The game – postponed from June last year due to the COVID-19 pandemic - will be played on 29 January at the Whitlam Centre at Liverpool at 3pm. Entry is free. 

“It’s not hard to keep this group of guys motivated. They’re always keen to get out there and perform and play. We have a good team culture,” said NSW coach Edie George.

“We’ve been able to maintain contact with team meetings via video links and we had a state camp before lockdown last year, where I was able to pick my final 10. We are back training now – had a session last weekend and have a few more booked in.”

George said spectators are in for a real thrill.

“There is an intense speed to the game, and spectacular crashes. You’d be amazed how some of these players take a beating, but get back in their chairs and play on,” he said.

Wheelchair Rugby League was first developed in 2000 by two French players. It started in Australia in 2010.

A team of 10 is selected with four AB (able-bodied) players allowed, But only five players (including two AB) are on the field at any time.

NSW Wheelchair Rugby League (NSWWRL) runs competitions in three districts: Western Sydney, Southern Sydney, and the Northern Beaches.

The NSW Blues side is: Brad Grove, Brett Henman, Cory Cannane (AB), Craig Cannane, Diab Karim (AB), Eddie Morgan, Jason Attard (AB), Liam Luff, Rick Engles, Tim Robinson (AB).

The rules closely mirror the 13-a-side running game but obviously without tackles, scrums, or traditional “between the legs” play-the-balls.

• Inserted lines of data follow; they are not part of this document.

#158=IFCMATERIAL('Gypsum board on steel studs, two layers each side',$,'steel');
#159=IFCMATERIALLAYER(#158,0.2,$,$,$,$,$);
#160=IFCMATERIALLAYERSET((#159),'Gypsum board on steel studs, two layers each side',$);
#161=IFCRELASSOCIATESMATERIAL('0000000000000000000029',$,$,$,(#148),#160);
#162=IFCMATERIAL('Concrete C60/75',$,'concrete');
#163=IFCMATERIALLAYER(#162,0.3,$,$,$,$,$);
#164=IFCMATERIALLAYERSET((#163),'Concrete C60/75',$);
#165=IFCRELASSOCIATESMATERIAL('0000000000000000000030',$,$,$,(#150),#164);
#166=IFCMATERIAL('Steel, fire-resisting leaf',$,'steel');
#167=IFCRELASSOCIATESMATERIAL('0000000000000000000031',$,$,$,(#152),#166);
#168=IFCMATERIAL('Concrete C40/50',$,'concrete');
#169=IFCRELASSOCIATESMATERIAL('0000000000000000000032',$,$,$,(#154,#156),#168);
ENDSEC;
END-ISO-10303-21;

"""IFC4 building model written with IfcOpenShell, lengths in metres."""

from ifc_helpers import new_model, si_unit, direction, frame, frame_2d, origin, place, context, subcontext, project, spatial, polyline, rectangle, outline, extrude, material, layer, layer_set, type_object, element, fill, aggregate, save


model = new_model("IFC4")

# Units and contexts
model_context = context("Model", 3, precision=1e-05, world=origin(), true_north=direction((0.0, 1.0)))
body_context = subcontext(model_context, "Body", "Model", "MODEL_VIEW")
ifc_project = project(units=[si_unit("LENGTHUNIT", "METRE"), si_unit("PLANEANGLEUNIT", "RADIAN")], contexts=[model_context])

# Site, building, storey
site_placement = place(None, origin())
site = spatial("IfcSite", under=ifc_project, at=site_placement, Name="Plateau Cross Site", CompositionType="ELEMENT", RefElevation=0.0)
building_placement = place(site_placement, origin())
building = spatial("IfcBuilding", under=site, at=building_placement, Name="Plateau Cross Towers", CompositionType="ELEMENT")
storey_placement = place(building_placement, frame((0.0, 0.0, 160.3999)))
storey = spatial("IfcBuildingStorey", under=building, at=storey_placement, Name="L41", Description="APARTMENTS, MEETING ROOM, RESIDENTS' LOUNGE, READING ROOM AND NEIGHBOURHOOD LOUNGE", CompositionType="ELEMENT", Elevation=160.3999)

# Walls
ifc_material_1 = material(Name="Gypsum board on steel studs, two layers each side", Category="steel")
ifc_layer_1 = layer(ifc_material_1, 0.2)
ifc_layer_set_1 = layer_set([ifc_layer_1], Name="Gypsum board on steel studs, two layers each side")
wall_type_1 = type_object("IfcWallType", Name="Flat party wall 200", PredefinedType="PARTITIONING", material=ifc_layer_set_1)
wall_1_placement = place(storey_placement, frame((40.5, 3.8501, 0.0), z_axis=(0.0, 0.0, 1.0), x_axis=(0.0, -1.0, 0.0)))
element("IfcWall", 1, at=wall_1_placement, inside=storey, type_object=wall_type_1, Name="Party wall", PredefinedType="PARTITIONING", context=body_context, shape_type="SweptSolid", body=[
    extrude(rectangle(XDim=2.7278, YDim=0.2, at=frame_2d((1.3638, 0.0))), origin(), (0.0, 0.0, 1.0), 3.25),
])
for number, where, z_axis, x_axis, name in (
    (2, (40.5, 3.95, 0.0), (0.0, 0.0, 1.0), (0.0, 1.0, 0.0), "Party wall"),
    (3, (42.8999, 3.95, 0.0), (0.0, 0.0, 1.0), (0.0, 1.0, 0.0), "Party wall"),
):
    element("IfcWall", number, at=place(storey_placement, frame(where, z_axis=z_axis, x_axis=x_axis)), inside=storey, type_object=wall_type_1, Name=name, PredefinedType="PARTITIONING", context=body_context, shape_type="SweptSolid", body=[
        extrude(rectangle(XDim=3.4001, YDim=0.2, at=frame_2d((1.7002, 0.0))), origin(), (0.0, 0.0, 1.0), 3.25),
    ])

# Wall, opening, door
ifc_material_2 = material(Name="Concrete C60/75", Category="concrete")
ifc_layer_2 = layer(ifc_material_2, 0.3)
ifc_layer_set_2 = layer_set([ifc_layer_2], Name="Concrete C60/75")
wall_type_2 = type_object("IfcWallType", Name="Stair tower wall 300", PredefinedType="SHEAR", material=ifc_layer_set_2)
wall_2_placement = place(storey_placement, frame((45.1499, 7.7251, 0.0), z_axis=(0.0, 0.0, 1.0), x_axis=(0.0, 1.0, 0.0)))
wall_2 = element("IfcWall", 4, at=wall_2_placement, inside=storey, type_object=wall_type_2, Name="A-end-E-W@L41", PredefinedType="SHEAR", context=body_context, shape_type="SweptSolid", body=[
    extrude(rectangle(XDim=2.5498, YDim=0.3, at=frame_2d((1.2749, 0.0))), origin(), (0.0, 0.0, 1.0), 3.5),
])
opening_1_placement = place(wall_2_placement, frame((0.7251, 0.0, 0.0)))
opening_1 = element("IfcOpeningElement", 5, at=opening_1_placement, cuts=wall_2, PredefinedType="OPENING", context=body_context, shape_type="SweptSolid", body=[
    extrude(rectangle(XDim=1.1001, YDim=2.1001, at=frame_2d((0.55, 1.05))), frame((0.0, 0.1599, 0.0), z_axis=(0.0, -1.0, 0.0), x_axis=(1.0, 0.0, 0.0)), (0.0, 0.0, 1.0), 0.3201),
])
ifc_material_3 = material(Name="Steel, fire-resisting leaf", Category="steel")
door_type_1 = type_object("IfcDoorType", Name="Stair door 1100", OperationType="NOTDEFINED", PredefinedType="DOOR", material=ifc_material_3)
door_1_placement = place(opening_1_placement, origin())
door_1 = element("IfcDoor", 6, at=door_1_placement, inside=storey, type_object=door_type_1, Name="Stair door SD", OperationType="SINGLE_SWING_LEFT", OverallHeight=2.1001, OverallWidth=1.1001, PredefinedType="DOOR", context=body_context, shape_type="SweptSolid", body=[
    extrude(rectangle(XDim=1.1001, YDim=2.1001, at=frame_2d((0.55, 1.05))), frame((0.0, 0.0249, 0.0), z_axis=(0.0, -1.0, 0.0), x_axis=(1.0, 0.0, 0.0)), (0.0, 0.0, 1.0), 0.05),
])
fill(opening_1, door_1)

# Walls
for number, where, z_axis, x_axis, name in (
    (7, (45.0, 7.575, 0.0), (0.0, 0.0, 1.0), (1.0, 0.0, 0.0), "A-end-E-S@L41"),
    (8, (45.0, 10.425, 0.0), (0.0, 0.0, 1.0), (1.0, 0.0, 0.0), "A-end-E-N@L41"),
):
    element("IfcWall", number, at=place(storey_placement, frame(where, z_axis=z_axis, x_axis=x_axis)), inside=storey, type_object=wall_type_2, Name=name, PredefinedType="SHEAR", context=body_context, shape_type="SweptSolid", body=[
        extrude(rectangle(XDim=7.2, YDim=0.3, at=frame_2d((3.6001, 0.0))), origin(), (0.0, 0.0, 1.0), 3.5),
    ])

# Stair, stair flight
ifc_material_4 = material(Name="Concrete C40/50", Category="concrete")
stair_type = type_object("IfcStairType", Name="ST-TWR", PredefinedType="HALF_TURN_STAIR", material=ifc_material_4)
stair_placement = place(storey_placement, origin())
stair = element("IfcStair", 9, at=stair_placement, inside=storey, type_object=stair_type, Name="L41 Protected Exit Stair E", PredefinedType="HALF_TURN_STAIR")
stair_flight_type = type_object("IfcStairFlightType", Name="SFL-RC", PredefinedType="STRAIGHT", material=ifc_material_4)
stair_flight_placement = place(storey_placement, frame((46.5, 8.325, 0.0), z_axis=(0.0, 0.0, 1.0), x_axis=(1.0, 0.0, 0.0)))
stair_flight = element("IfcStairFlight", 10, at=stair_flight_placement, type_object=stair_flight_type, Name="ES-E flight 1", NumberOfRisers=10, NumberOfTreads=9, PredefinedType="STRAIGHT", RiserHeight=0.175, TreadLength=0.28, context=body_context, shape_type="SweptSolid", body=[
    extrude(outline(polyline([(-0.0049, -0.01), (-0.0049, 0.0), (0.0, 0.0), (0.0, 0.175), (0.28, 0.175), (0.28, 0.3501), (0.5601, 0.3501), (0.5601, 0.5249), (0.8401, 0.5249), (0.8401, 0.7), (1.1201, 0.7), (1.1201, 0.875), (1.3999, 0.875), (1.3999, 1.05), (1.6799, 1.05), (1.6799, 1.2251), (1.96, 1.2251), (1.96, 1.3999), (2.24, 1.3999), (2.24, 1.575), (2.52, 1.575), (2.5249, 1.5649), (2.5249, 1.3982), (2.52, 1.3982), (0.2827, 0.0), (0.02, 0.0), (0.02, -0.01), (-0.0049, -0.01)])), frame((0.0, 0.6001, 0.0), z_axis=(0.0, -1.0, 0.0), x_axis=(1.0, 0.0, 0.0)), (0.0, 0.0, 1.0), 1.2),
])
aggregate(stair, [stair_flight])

Players must pass backwards, possession changes after six tackles, the ball must be grounded on the try line or in-goal, and the points-scoring system is the same.

Conversions, penalty goals and drop goals can be “kicked” by punching the ball over the posts using the fist (in a manner similar to an AFL hand pass).

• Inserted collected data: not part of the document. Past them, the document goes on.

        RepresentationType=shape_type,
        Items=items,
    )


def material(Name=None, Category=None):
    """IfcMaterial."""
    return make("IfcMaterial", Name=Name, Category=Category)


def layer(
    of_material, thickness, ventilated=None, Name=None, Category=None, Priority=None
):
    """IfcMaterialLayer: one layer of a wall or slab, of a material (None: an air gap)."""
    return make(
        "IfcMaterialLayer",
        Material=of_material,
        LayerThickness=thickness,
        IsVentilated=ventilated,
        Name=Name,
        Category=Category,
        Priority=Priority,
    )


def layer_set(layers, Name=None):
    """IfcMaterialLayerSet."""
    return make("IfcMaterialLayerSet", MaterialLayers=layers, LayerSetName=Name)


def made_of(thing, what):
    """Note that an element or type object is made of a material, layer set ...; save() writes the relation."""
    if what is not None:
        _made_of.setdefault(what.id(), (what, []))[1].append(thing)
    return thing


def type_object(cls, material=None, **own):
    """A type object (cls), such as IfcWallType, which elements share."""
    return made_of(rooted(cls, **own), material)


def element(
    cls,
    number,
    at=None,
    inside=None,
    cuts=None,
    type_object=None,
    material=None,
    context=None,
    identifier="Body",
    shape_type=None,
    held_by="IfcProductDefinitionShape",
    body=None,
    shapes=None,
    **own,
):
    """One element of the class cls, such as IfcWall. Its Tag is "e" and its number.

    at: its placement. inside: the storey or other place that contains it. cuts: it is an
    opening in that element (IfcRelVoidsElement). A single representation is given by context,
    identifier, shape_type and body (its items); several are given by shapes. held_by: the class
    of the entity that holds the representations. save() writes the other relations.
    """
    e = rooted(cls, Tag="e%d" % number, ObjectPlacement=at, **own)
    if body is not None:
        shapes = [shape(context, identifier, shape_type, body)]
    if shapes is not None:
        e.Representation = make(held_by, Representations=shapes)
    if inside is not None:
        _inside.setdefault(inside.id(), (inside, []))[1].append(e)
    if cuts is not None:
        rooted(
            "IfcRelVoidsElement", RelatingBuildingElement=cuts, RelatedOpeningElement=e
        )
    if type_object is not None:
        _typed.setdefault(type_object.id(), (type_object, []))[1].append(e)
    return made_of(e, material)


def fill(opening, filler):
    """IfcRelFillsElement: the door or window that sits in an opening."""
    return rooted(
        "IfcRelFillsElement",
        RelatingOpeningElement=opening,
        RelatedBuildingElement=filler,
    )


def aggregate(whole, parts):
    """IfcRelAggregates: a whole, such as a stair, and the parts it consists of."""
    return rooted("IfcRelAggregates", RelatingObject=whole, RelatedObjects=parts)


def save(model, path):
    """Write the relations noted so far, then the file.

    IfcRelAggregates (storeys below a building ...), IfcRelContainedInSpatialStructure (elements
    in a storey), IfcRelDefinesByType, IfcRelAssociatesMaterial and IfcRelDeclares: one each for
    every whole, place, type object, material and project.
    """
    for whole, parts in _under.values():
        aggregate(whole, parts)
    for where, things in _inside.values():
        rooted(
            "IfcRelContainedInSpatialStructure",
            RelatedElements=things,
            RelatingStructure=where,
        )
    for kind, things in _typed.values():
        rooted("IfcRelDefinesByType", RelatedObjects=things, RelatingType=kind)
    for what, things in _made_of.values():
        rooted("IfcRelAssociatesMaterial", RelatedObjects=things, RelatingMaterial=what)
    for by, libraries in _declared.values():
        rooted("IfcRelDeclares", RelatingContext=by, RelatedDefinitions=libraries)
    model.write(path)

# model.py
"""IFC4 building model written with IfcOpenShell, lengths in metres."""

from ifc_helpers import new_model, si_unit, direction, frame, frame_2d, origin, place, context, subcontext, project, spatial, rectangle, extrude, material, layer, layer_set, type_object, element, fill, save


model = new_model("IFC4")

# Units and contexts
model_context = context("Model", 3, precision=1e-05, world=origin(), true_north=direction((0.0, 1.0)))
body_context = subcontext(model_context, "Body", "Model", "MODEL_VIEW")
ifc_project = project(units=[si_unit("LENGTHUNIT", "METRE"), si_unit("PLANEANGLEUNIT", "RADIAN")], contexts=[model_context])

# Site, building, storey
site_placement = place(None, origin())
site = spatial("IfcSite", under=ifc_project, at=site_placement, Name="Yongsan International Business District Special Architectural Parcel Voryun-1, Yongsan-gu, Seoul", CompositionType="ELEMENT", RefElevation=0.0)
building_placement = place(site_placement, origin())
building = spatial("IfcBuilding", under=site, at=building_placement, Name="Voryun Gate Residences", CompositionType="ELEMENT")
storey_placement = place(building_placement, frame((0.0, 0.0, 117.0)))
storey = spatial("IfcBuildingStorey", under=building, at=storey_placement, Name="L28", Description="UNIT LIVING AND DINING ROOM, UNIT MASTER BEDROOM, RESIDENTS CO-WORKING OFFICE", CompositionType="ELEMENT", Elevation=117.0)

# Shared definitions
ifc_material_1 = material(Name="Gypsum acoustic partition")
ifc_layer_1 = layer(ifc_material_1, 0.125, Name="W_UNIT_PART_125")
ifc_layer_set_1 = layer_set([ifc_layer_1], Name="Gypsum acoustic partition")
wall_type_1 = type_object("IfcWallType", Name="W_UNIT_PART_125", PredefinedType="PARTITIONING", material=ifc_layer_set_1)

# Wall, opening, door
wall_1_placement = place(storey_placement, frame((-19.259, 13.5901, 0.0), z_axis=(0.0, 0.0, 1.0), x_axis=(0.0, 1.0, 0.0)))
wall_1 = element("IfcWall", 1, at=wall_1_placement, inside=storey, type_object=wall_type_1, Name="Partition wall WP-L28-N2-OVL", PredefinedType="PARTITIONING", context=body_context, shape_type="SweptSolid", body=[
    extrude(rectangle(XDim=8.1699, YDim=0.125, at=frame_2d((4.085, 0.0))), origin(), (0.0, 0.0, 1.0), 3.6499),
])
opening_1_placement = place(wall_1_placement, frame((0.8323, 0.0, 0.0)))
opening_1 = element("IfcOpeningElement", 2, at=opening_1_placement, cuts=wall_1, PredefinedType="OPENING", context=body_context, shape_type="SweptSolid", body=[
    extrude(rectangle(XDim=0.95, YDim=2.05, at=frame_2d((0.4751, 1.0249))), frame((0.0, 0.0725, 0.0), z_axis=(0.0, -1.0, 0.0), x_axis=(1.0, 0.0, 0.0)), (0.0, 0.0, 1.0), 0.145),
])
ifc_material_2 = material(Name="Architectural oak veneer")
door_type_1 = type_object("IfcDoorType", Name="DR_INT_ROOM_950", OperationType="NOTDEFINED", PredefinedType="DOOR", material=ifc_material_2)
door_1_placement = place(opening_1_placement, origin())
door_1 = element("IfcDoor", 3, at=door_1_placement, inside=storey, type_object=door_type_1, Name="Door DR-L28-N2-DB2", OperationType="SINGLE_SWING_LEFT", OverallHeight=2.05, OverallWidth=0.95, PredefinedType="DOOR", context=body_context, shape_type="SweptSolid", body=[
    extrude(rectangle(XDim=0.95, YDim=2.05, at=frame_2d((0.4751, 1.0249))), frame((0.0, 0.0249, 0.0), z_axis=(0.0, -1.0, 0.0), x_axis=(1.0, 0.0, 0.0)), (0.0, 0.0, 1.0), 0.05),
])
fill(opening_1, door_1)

Players are tackled similar to OzTag – by defenders removing an attacking players’ velcro tag worn on the shoulders.

The “field” is half the size of the running game – 50m x 25m – or across three indoor basketball courts.

NSW Blues co-captain Craig Cannane, 48, began playing in 2011 for the St George Dragons. He has been to two World Cups (2013 England, 2017 France) and currently plays with his 25-year-old son Cory Cannane.

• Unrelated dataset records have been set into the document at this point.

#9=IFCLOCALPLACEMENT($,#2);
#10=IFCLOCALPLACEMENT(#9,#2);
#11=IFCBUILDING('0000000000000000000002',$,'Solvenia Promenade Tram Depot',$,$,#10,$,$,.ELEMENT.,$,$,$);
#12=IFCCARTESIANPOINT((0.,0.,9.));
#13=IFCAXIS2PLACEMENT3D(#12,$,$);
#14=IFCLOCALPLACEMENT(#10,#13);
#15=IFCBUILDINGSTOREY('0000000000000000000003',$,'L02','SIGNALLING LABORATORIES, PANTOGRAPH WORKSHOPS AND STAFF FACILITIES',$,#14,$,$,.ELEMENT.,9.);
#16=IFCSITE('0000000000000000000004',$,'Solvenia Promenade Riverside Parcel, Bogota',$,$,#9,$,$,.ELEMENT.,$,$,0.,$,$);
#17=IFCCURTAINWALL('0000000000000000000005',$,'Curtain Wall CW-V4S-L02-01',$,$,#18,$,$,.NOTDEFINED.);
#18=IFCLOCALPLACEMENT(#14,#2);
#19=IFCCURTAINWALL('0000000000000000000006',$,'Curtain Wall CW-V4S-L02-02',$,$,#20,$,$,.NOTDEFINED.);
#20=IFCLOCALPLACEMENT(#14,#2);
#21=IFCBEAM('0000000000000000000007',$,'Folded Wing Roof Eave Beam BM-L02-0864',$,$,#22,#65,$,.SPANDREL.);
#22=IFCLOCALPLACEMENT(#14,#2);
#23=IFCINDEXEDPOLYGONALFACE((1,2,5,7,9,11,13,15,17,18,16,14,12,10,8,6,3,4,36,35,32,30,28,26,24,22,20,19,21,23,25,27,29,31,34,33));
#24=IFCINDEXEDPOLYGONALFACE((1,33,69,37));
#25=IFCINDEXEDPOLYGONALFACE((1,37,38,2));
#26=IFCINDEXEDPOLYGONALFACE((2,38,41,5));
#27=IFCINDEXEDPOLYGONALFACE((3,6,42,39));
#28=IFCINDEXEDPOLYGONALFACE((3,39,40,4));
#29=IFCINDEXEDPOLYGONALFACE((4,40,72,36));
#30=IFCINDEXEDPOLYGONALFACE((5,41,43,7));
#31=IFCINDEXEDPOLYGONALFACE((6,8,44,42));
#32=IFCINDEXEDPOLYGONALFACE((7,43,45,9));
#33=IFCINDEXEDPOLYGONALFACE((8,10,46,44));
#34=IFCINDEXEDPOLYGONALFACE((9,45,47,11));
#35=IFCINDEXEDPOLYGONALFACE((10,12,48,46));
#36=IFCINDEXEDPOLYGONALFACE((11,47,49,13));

They have both made the NSW team and the goal is to play together in the 2022 World Cup in England this November for the Wheelaroos.

But first the Queenslanders this month to extend the run of four Origin wins – the last being in 2019 with the pandemic cancelling the 2020 and 2021 games.

“We’ve just been playing down here longer. It all really started in Sydney so it’s just taken the Queenslanders a little longer to catch up. But it’s growing massively up there now,” Cannane said.

Cannane played lock and five-eighth for Marrickville RSL, before his motorbike accident in late 1992 where he broke his back.

“So when I had my accident the game didn’t exist at that stage. Although now a paraplegic I was still highly motivated, so I played some wheelchair basketball,” Cannane said.

“Then Rugby League was introduced to me by one of my basketball teammates and that was life-changing. I love Rugby League – it was my passion – and I thought I’d never play it again.”

His Dragons team has won seven premierships in 10 years – the past four in a row.

“When I wheeled out onto the court for the first time, everything that was locked in the back of my head from being an able-bodied player, just came rushing in. It’s the same feeling – I just wheel around the court now rather than run,” he said.

Doors open at 1pm on 29 January, with a “Come, Try and Play” session being held as a curtain-raiser to the Origin match so people of all ages and both sexes can have a go.

“What I like so much about the game is how inclusive it is,” George said. “We have young kids, adults, fathers and sons, brothers and sisters and able-bodied players all combining so well and enjoying their sport.”